SiC Power Diodes and Junction Field-Effect Transistors: Testing, Characterization, Modelling and Applications

Abstract

Power electronic devices are the most important element in any power electronic system. In the last decade, silicon carbide-based devices have emerged as an alternative to silicon-based devices promising a new era in power conversion. The focus of many studies has been on improving material technologies to reduce production cost and defect density. This development has produced devices with superior characteristics. However, the unique properties of silicon carbide favour the development of relatively new power devices, such as the enhanced-mode junction field-effect transistor, in order to exploit the full potential of the material. Following the introduction of such devices, power electronics engineers face new challenges.

In this thesis, the characteristics of SiC power devices, including the PiN diode, the Schottky diode and the JFET, are investigated. Simplified behavioural models for these SiC devices are established and implemented in commercial circuit simulators. The work focuses on the SiC enhancement-mode power VJFET as it is a potential candidate to replace Si MOSFETs and IGBTs especially for medium voltage applications.

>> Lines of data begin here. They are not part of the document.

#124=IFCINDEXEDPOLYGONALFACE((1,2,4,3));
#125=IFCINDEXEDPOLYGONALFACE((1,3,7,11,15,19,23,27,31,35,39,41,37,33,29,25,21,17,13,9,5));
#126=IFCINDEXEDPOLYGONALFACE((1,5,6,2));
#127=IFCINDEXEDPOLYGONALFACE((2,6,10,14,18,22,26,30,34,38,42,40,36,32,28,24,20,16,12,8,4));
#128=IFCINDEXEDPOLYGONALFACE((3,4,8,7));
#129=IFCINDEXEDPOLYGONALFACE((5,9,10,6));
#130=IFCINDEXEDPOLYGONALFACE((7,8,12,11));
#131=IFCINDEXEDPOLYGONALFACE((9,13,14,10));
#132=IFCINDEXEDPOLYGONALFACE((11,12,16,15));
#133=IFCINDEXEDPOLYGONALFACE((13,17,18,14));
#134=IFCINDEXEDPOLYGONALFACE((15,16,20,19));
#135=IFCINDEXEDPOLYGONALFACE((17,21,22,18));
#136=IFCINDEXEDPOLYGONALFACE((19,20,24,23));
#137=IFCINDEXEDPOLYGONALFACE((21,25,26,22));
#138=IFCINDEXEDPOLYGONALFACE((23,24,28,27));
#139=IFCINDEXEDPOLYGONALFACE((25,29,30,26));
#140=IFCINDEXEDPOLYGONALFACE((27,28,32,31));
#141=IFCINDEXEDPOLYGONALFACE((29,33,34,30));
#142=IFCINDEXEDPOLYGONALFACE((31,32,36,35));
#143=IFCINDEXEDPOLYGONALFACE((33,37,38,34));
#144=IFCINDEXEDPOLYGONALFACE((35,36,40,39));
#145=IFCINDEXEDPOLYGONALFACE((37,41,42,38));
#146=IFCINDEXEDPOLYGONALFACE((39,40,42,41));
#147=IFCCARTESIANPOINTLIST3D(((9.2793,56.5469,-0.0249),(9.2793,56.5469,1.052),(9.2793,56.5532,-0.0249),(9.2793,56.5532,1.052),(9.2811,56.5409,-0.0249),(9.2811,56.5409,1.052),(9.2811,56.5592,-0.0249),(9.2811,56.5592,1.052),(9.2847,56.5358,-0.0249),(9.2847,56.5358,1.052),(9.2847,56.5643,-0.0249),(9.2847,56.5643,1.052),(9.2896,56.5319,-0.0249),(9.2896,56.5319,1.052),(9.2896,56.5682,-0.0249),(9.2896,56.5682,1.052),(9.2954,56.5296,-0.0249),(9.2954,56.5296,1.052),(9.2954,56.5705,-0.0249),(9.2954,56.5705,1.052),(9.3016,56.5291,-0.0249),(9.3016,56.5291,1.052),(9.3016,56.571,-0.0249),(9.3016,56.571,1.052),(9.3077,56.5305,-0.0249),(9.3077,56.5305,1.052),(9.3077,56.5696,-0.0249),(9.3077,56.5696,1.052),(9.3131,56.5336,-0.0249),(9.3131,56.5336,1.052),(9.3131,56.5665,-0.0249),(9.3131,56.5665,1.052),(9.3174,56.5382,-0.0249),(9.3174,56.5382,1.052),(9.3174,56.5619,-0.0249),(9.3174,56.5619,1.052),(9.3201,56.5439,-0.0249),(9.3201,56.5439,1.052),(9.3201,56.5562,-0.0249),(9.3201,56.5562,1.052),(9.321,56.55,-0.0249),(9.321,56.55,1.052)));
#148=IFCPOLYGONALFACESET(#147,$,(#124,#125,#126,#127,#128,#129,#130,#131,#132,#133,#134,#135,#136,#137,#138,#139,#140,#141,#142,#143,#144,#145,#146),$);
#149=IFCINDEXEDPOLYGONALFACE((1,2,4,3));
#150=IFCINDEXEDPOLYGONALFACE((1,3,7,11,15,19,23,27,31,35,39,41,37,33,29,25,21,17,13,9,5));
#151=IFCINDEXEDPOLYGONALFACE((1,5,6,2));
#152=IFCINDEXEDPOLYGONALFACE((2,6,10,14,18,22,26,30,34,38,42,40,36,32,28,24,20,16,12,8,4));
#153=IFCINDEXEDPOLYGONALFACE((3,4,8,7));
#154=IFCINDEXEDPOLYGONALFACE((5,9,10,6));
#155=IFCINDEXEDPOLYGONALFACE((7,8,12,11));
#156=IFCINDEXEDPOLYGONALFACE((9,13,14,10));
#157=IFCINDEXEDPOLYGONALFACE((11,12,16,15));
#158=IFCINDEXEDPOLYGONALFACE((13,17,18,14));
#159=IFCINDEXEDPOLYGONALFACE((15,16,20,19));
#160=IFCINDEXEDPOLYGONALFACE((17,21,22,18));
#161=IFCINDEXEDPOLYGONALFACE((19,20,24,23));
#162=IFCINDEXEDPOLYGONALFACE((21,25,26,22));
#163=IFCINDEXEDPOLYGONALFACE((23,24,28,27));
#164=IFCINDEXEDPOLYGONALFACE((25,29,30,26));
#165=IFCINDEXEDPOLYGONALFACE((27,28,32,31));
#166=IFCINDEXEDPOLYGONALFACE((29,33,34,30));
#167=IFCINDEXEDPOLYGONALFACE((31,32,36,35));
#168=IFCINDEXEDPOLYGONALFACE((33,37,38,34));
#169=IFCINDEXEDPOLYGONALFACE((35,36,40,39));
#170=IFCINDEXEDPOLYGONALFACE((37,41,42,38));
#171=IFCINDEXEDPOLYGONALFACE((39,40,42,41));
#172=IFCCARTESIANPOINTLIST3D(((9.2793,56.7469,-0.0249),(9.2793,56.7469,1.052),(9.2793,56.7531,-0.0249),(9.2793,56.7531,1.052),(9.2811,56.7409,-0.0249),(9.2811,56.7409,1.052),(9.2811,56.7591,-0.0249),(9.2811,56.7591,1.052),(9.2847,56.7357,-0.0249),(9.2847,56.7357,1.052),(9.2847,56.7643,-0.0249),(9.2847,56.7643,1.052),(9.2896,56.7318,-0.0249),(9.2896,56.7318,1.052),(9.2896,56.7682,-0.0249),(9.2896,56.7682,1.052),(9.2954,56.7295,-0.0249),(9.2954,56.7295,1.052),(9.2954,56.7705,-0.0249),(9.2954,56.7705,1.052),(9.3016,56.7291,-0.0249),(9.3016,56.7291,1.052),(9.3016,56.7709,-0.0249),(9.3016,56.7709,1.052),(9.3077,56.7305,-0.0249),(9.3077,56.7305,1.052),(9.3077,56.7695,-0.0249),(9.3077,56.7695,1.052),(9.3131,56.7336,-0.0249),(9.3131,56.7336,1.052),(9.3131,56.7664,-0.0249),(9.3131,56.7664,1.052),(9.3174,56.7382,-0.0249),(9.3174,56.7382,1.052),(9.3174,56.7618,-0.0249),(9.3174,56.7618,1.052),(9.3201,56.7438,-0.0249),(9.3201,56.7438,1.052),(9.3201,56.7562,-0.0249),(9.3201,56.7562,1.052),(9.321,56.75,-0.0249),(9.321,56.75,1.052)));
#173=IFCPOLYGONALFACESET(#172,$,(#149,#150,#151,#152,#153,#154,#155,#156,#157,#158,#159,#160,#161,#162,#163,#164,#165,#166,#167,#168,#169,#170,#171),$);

Breakdown voltage and drift region design of the SiC PiN diode are studied. Due to the conductivity modulation in the drift region, the PiN diode achieves low on-resistance. At the same time, the high critical electric field of SiC allows high breakdown voltage. However, a saturation voltage of approximately 3 V appears during the forward condition mode as a result of the wide bandgap of SiC. The high forward voltage leads to more conduction loss making this type of diodes only attractive for high voltage applications where the voltage drop over a Schottky diode with same breakdown voltage becomes prohibitively high. The characteristic and the modelling of both PiN and Schottky diodes are discussed in this thesis. Suggested models are implemented in commercial circuit simulators and feature a satisfactory accuracy over a wide temperature range.

By studying the SiC VJFET structure, the physics of the device and gate drive requirements are investigated. Several driving technologies are tested. However, for an effective driving, employing a two-stage driver is recommended. With this driver, high switching speeds are achievable with minimal switching energy loss. Using the SiC JFET, a high efficiency energy conversion, that combines low switching losses with low conduction loss, is possible.

Finally, a model for SiC VJFET is established and implemented on LTSpice. Model parameters are determined by measurements and datasheet values. There is a good agreement between simulation results using this model and measured static and dynamic characteristics of the SiC VJFET.